Semarang | PortalIndonesiaNews.Net – Suasana Kota Semarang berubah semarak pada Jumat (28/2/2025) saat ribuan warga tumplek blek di Balai Kota Semarang untuk merayakan Tradisi Dugderan 2025. Festival budaya yang menjadi penanda datangnya bulan suci Ramadhan 1446 H ini kembali digelar dengan penuh kemeriahan, menghadirkan nuansa kearifan lokal yang kental.
Dugderan merupakan tradisi khas Semarang yang identik dengan suara “dug” dari bedug dan “der” dari petasan, simbol kegembiraan menyambut Ramadhan. Wali Kota Semarang, Agustina Wilujeng, yang akrab disapa Agustin, membuka secara resmi acara ini dengan prosesi pemukulan bedug, yang menjadi pertanda awal puasa bagi masyarakat Semarang.
Pawai Budaya: Perpaduan Tradisi dan Religi, Kirab Budaya Dugderan 2025 dimulai tepat pukul 13.00 WIB, setelah salat Jumat.
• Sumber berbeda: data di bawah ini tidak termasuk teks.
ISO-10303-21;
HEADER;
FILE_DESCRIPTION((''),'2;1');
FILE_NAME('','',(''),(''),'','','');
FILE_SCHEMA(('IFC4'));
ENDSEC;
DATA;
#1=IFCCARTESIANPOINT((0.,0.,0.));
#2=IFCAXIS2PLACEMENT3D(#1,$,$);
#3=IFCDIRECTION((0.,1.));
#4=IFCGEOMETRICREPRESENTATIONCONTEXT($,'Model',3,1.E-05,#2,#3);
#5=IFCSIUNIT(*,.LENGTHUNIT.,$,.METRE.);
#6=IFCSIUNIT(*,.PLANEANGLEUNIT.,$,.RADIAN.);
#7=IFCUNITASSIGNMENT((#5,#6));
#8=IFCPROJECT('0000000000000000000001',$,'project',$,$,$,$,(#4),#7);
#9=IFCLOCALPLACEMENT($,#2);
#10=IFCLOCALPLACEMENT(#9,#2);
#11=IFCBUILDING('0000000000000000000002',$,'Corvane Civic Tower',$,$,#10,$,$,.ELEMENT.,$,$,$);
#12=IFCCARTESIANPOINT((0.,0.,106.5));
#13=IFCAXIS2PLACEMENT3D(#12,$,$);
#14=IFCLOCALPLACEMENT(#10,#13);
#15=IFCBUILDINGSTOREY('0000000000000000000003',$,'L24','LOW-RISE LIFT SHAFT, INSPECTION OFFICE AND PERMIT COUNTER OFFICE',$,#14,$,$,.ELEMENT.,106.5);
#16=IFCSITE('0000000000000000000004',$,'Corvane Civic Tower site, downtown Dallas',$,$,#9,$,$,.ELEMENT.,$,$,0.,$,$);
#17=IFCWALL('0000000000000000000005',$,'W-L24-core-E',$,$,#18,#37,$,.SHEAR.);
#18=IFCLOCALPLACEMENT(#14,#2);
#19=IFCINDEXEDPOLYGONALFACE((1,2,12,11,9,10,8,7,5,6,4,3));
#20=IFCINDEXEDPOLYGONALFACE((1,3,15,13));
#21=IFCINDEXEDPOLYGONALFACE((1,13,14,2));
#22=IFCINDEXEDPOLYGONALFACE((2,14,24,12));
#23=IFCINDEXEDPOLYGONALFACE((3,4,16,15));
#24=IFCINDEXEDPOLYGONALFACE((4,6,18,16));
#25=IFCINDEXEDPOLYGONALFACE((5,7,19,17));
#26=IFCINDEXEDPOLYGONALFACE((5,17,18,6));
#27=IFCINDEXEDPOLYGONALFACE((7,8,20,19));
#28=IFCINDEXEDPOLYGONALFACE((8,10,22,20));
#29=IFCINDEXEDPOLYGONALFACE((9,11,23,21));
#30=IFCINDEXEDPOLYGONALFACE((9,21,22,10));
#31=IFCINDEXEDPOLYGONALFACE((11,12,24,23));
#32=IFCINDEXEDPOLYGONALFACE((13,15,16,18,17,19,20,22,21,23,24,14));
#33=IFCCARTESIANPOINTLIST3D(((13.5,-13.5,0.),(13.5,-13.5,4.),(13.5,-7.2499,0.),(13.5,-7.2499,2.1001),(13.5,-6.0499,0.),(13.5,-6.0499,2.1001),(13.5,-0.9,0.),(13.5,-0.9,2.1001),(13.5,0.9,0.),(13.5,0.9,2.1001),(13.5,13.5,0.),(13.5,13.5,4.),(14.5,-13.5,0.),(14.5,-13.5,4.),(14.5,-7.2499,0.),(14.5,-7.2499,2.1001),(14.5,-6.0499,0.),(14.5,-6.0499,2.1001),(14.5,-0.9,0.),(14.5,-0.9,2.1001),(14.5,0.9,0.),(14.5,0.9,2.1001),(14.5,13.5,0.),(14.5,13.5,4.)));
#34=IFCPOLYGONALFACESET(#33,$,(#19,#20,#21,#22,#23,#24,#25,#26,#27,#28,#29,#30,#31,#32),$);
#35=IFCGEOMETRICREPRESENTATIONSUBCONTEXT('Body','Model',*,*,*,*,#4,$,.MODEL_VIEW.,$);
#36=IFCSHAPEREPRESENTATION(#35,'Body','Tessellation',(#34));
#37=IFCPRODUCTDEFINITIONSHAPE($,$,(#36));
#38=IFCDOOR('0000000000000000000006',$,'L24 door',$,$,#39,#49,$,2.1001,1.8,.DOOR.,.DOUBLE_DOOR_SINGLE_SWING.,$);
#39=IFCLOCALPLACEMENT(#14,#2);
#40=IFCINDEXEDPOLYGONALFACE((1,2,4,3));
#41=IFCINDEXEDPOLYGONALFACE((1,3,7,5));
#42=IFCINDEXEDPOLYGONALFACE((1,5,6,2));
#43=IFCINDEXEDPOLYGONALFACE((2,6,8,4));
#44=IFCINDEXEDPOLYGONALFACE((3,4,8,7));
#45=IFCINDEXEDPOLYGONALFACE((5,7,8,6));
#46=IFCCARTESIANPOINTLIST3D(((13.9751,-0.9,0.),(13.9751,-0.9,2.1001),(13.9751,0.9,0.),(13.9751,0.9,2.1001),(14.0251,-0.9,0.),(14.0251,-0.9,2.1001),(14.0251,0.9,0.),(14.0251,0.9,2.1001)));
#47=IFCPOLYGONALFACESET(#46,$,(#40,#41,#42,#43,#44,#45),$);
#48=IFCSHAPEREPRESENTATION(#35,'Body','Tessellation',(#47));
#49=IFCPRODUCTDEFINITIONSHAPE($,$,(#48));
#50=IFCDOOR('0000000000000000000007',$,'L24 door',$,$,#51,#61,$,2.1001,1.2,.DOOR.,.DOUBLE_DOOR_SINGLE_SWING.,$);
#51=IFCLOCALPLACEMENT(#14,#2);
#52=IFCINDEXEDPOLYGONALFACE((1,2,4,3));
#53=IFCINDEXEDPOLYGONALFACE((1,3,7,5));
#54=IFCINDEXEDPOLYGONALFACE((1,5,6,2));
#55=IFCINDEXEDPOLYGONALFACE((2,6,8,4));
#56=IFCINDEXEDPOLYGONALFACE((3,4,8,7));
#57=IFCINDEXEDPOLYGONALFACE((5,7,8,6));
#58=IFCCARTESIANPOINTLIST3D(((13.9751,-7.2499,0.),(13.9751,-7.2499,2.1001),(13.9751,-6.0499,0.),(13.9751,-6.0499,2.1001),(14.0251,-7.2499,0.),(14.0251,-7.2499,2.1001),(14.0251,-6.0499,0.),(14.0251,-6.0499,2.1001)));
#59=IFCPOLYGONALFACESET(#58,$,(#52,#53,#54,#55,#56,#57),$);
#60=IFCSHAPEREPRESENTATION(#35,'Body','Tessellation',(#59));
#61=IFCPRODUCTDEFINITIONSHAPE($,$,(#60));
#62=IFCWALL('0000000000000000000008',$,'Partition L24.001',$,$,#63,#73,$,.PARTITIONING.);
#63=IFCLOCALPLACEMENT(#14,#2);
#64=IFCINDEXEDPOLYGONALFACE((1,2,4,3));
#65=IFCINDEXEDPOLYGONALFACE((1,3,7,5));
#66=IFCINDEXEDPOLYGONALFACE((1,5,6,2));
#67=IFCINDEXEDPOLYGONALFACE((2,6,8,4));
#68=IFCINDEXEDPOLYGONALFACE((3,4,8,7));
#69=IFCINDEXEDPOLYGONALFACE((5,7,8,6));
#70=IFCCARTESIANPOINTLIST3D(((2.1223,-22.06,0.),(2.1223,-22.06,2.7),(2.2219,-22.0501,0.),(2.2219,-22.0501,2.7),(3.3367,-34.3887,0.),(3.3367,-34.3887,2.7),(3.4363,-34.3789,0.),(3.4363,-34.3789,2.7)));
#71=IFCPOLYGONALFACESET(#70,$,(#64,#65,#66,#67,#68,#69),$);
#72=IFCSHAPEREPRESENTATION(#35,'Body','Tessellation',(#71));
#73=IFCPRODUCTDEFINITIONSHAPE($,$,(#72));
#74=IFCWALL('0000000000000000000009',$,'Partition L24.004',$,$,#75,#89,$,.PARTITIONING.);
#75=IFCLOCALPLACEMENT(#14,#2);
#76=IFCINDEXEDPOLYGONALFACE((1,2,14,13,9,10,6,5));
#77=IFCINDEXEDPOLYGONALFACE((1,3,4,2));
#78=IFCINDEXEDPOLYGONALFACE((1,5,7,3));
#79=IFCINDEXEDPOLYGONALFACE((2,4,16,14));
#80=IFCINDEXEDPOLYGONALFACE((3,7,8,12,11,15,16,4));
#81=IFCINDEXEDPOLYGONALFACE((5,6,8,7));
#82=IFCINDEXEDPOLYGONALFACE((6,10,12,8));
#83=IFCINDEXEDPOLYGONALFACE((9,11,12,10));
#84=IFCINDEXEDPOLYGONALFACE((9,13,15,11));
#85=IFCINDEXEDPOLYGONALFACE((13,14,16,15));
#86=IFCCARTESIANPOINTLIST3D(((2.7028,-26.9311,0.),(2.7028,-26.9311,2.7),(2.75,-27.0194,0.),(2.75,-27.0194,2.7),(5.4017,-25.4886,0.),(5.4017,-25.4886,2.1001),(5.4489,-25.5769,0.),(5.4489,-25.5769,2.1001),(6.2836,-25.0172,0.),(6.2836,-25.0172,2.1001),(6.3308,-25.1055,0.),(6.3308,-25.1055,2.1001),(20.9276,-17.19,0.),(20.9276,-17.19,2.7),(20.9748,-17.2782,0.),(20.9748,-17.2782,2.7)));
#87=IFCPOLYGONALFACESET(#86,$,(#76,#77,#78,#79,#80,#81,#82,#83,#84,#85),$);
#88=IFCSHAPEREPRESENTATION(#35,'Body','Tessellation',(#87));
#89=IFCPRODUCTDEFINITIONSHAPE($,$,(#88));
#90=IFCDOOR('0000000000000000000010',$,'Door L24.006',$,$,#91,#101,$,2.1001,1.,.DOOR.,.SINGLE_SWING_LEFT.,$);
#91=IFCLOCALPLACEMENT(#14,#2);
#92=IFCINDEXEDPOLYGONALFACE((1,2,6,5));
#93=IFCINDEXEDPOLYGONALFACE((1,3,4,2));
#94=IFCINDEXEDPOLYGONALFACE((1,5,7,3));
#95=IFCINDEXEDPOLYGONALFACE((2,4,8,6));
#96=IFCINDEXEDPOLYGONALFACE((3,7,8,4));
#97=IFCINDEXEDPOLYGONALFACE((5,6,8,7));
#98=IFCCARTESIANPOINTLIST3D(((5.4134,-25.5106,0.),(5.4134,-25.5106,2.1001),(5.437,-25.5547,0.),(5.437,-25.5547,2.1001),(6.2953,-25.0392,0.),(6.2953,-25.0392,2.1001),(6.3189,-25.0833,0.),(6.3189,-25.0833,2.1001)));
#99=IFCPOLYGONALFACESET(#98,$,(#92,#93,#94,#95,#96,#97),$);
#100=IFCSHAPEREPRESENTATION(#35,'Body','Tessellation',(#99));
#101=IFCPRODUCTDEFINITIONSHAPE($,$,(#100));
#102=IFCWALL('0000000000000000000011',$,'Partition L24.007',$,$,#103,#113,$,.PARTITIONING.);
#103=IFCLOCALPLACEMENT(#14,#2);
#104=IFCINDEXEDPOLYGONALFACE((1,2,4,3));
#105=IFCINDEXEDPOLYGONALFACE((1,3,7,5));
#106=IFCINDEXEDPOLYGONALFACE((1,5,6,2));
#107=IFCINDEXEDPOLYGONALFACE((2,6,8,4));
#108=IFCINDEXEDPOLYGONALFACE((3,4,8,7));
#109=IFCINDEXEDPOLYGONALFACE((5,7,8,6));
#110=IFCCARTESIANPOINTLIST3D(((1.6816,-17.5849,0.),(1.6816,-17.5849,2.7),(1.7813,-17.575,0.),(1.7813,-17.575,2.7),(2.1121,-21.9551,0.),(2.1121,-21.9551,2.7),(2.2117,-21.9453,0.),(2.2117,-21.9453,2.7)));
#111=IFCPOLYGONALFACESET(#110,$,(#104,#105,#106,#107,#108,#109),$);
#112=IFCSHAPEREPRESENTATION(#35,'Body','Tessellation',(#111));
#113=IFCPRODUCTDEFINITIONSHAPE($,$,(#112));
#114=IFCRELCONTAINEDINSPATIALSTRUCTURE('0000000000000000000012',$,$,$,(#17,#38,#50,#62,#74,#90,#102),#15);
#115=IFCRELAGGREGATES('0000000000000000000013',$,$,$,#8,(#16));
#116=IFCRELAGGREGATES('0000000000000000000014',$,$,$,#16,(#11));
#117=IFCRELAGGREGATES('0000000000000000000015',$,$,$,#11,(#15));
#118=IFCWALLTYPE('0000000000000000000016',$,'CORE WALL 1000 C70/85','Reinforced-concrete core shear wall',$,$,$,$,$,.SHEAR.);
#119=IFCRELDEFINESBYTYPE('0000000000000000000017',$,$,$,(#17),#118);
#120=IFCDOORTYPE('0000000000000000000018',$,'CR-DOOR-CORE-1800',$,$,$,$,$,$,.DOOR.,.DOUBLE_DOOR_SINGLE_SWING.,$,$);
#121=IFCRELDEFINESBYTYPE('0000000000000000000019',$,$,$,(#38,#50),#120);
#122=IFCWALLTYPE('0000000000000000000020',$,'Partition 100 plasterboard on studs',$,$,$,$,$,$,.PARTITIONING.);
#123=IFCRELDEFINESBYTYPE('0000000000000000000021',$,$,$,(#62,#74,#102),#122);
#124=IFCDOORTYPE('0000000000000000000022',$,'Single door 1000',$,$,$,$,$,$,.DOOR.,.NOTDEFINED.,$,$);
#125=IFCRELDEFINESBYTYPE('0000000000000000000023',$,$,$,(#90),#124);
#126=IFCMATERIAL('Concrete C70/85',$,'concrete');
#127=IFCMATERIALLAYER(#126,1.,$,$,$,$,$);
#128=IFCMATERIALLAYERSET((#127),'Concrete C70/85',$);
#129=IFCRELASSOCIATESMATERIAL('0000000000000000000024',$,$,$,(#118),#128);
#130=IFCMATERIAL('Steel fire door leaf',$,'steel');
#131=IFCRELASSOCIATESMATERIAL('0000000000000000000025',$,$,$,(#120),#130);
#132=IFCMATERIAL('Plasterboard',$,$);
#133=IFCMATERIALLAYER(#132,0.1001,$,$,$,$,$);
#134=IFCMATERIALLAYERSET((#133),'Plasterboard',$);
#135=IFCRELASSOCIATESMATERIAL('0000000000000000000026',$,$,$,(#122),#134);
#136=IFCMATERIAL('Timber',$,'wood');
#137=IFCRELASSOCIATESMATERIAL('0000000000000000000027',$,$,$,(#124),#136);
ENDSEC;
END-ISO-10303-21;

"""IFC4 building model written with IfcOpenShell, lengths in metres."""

from ifc_helpers import new_model, si_unit, direction, frame, frame_2d, origin, place, context, subcontext, project, spatial, rectangle, extrude, material, layer, layer_set, type_object, element, fill, save


model = new_model("IFC4")

# Units and contexts
model_context = context("Model", 3, precision=1e-05, world=origin(), true_north=direction((0.0, 1.0)))
body_context = subcontext(model_context, "Body", "Model", "MODEL_VIEW")
ifc_project = project(units=[si_unit("LENGTHUNIT", "METRE"), si_unit("PLANEANGLEUNIT", "RADIAN")], contexts=[model_context])

# Site, building, storey
site_placement = place(None, origin())
site = spatial("IfcSite", under=ifc_project, at=site_placement, Name="Corvane Civic Tower site, downtown Dallas", CompositionType="ELEMENT", RefElevation=0.0)
building_placement = place(site_placement, origin())
building = spatial("IfcBuilding", under=site, at=building_placement, Name="Corvane Civic Tower", CompositionType="ELEMENT")
storey_placement = place(building_placement, frame((0.0, 0.0, 106.5)))
storey = spatial("IfcBuildingStorey", under=building, at=storey_placement, Name="L24", Description="LOW-RISE LIFT SHAFT, INSPECTION OFFICE AND PERMIT COUNTER OFFICE", CompositionType="ELEMENT", Elevation=106.5)

# Wall, openings, doors
ifc_material_1 = material(Name="Concrete C70/85", Category="concrete")
ifc_layer_1 = layer(ifc_material_1, 1.0)
ifc_layer_set_1 = layer_set([ifc_layer_1], Name="Concrete C70/85")
wall_type_1 = type_object("IfcWallType", Name="CORE WALL 1000 C70/85", Description="Reinforced-concrete core shear wall", PredefinedType="SHEAR", material=ifc_layer_set_1)
wall_1_placement = place(storey_placement, frame((14.0, -13.5, 0.0), z_axis=(0.0, 0.0, 1.0), x_axis=(0.0, 1.0, 0.0)))
wall_1 = element("IfcWall", 1, at=wall_1_placement, inside=storey, type_object=wall_type_1, Name="W-L24-core-E", PredefinedType="SHEAR", context=body_context, shape_type="SweptSolid", body=[
    extrude(rectangle(XDim=27.0, YDim=1.0, at=frame_2d((13.5, 0.0))), origin(), (0.0, 0.0, 1.0), 4.0),
])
Arak-arakan budaya ini menempuh rute dari Balai Kota Semarang menuju Masjid Agung Jawa Tengah (MAJT), melewati Jalan Pemuda, Alun-Alun Kauman, dan beberapa titik bersejarah lainnya.
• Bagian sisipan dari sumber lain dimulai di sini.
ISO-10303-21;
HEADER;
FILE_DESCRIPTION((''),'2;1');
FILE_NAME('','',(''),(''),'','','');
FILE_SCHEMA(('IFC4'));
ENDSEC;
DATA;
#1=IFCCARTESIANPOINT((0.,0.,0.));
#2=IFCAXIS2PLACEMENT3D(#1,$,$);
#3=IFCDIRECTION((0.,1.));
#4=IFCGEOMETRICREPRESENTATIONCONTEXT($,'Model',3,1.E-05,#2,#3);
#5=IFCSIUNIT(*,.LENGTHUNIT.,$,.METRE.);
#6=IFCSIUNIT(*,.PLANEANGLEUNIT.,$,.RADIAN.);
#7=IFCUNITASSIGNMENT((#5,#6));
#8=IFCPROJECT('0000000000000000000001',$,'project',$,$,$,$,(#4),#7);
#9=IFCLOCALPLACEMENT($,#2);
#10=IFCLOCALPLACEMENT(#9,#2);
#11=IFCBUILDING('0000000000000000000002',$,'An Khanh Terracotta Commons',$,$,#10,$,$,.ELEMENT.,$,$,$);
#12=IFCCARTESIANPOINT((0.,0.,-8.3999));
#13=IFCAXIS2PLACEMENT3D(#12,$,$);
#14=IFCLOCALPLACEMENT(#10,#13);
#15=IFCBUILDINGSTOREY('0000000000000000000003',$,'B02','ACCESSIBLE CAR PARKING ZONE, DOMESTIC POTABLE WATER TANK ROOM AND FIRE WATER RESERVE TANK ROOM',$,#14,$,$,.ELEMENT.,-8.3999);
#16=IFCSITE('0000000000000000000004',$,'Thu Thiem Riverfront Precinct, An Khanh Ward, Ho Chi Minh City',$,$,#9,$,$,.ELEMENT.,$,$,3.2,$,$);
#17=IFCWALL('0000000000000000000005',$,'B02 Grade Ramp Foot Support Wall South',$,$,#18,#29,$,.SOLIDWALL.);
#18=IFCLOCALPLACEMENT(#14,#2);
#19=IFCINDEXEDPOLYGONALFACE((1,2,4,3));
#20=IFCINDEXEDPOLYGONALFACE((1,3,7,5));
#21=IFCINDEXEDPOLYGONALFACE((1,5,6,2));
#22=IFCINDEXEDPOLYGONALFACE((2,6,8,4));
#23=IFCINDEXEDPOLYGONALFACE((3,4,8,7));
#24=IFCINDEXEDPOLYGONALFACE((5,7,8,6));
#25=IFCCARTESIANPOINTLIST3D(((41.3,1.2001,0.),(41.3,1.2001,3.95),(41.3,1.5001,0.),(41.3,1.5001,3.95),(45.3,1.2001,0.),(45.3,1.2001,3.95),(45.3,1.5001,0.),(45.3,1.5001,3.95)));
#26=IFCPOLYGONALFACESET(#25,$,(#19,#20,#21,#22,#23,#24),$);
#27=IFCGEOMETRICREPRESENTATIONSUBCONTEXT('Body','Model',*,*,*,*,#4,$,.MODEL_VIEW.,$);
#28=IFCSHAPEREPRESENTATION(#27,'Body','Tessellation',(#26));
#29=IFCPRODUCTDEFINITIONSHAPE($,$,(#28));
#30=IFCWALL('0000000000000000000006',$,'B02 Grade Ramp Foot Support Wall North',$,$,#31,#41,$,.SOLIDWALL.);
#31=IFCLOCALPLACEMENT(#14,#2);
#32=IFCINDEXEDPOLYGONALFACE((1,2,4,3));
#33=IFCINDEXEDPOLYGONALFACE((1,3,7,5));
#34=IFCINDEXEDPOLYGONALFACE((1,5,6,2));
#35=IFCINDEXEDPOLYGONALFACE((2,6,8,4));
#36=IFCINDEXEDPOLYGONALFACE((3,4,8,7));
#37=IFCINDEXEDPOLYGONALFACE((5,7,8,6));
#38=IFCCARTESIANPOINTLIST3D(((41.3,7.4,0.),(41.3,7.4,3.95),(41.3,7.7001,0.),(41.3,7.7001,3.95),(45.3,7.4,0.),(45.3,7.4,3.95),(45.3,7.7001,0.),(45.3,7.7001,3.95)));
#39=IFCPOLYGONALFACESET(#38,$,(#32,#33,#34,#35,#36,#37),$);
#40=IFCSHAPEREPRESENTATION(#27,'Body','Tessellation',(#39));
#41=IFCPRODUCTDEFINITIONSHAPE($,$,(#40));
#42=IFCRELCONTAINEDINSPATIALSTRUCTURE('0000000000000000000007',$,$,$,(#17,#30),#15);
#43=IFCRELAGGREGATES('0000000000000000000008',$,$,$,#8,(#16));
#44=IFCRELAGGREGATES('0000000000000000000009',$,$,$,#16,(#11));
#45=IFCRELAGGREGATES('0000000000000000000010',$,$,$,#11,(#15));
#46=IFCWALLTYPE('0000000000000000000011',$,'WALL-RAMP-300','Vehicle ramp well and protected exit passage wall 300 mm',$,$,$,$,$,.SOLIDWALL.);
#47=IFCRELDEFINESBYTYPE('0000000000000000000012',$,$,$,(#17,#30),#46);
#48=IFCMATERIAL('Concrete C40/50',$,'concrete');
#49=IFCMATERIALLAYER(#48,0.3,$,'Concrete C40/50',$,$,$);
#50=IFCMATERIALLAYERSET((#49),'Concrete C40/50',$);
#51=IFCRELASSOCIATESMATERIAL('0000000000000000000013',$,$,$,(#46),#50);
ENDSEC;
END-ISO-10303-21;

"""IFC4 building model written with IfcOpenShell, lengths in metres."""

from ifc_helpers import new_model, si_unit, direction, frame, frame_2d, origin, place, context, subcontext, project, spatial, rectangle, extrude, material, layer, layer_set, type_object, element, save


model = new_model("IFC4")

# Units and contexts
model_context = context("Model", 3, precision=1e-05, world=origin(), true_north=direction((0.0, 1.0)))
body_context = subcontext(model_context, "Body", "Model", "MODEL_VIEW")
ifc_project = project(units=[si_unit("LENGTHUNIT", "METRE"), si_unit("PLANEANGLEUNIT", "RADIAN")], contexts=[model_context])

# Site, building, storey
site_placement = place(None, origin())
site = spatial("IfcSite", under=ifc_project, at=site_placement, Name="Thu Thiem Riverfront Precinct, An Khanh Ward, Ho Chi Minh City", CompositionType="ELEMENT", RefElevation=3.2)
building_placement = place(site_placement, origin())
building = spatial("IfcBuilding", under=site, at=building_placement, Name="An Khanh Terracotta Commons", CompositionType="ELEMENT")
storey_placement = place(building_placement, frame((0.0, 0.0, -8.3999)))
storey = spatial("IfcBuildingStorey", under=building, at=storey_placement, Name="B02", Description="ACCESSIBLE CAR PARKING ZONE, DOMESTIC POTABLE WATER TANK ROOM AND FIRE WATER RESERVE TANK ROOM", CompositionType="ELEMENT", Elevation=-8.3999)

# Walls
ifc_material_1 = material(Name="Concrete C40/50", Category="concrete")
ifc_layer_1 = layer(ifc_material_1, 0.3, Name="Concrete C40/50")
ifc_layer_set_1 = layer_set([ifc_layer_1], Name="Concrete C40/50")
wall_type_1 = type_object("IfcWallType", Name="WALL-RAMP-300", Description="Vehicle ramp well and protected exit passage wall 300 mm", PredefinedType="SOLIDWALL", material=ifc_layer_set_1)
for number, where, z_axis, x_axis, name in (
    (1, (41.3, 1.3501, 0.0), (0.0, 0.0, 1.0), (1.0, 0.0, 0.0), "B02 Grade Ramp Foot Support Wall South"),
    (2, (41.3, 7.55, 0.0), (0.0, 0.0, 1.0), (1.0, 0.0, 0.0), "B02 Grade Ramp Foot Support Wall North"),
):
    element("IfcWall", number, at=place(storey_placement, frame(where, z_axis=z_axis, x_axis=x_axis)), inside=storey, type_object=wall_type_1, Name=name, PredefinedType="SOLIDWALL", context=body_context, shape_type="SweptSolid", body=[
        extrude(rectangle(XDim=4.0, YDim=0.3, at=frame_2d((2.0, 0.0))), origin(), (0.0, 0.0, 1.0), 3.95),
    ])

save(model, "model.ifc")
Kemeriahan semakin terasa dengan penampilan tari Ratian yang bernuansa Islami, serta partisipasi berbagai komunitas budaya yang membawa replika Warak Ngendog, ikon Dugderan yang melambangkan akulturasi budaya di Semarang.
Menurut Kepala Dinas Perhubungan Kota Semarang, Kusnandir, beberapa ruas jalan mengalami penutupan sementara guna kelancaran acara, termasuk Jalan Pemuda di depan Mal Paragon hingga Lawang Sewu. Selain itu, Jalan Imam Bonjol-Tugu Muda mengalami rekayasa lalu lintas menjadi dua arah.
Warak Ngendog, Simbol Persatuan Semarang, Dalam prosesi Dugderan, maskot khas Warak Ngendog tetap menjadi ikon utama. Warak Ngendog adalah simbol keberagaman Kota Semarang, yang mencerminkan perpaduan budaya Jawa, Arab, dan Tionghoa.
“Dulu, saat pertama kali Dugderan digelar, masyarakat Semarang sedang mengalami krisis pangan, terutama telur. Maka, Warak Ngendog menjadi simbol harapan dan kesejahteraan yang datang saat Ramadhan,” jelas seorang budayawan yang turut hadir.
Wali Kota Agustin yang memerankan Kanjeng Mas Ayu Tumenggung Purbodiningrum menegaskan bahwa Dugderan bukan sekadar festival, tetapi warisan budaya yang harus terus dilestarikan.
“Tradisi ini bukan hanya tentang kemeriahan, tapi juga mengajarkan nilai kebersamaan, kegembiraan, dan semangat berbagi. Semoga Ramadan tahun ini membawa berkah bagi kita semua,” ujar Agustin dalam sambutannya.
Antusiasme Warga: Halaman Balai Kota Penuh Sesak, Tak hanya warga Semarang, masyarakat dari berbagai daerah di sekitar Jawa Tengah juga turut meramaikan festival ini. Halaman Balai Kota dipenuhi lautan manusia, menciptakan suasana penuh semangat dan kebersamaan.
“Setiap tahun saya selalu datang. Dugderan itu bukan hanya acara budaya, tapi sudah menjadi bagian dari identitas Semarang,” ujar Slamet, seorang warga dari Pedurungan yang datang bersama keluarganya.
Sementara itu, anak-anak tampak antusias menyaksikan berbagai atraksi, mulai dari parade kostum, pertunjukan musik tradisional, hingga pesta kembang api yang menutup acara dengan meriah.
Semarang Siap Sambut Ramadhan dengan Semangat Baru, Dengan berakhirnya Dugderan, masyarakat Semarang kini bersiap menyambut bulan Ramadhan dengan hati yang lebih damai dan penuh kegembiraan. Semangat kebersamaan yang tercermin dalam festival ini menjadi cerminan bahwa tradisi bukan sekadar perayaan, melainkan juga perekat sosial yang memperkuat nilai-nilai budaya dan keagamaan.
“Mari kita jaga kebersamaan ini, saling menghormati, dan mempererat persaudaraan selama Ramadhan. Semoga Semarang tetap menjadi kota yang harmonis dan sejahtera,” tutup Wali Kota Agustin.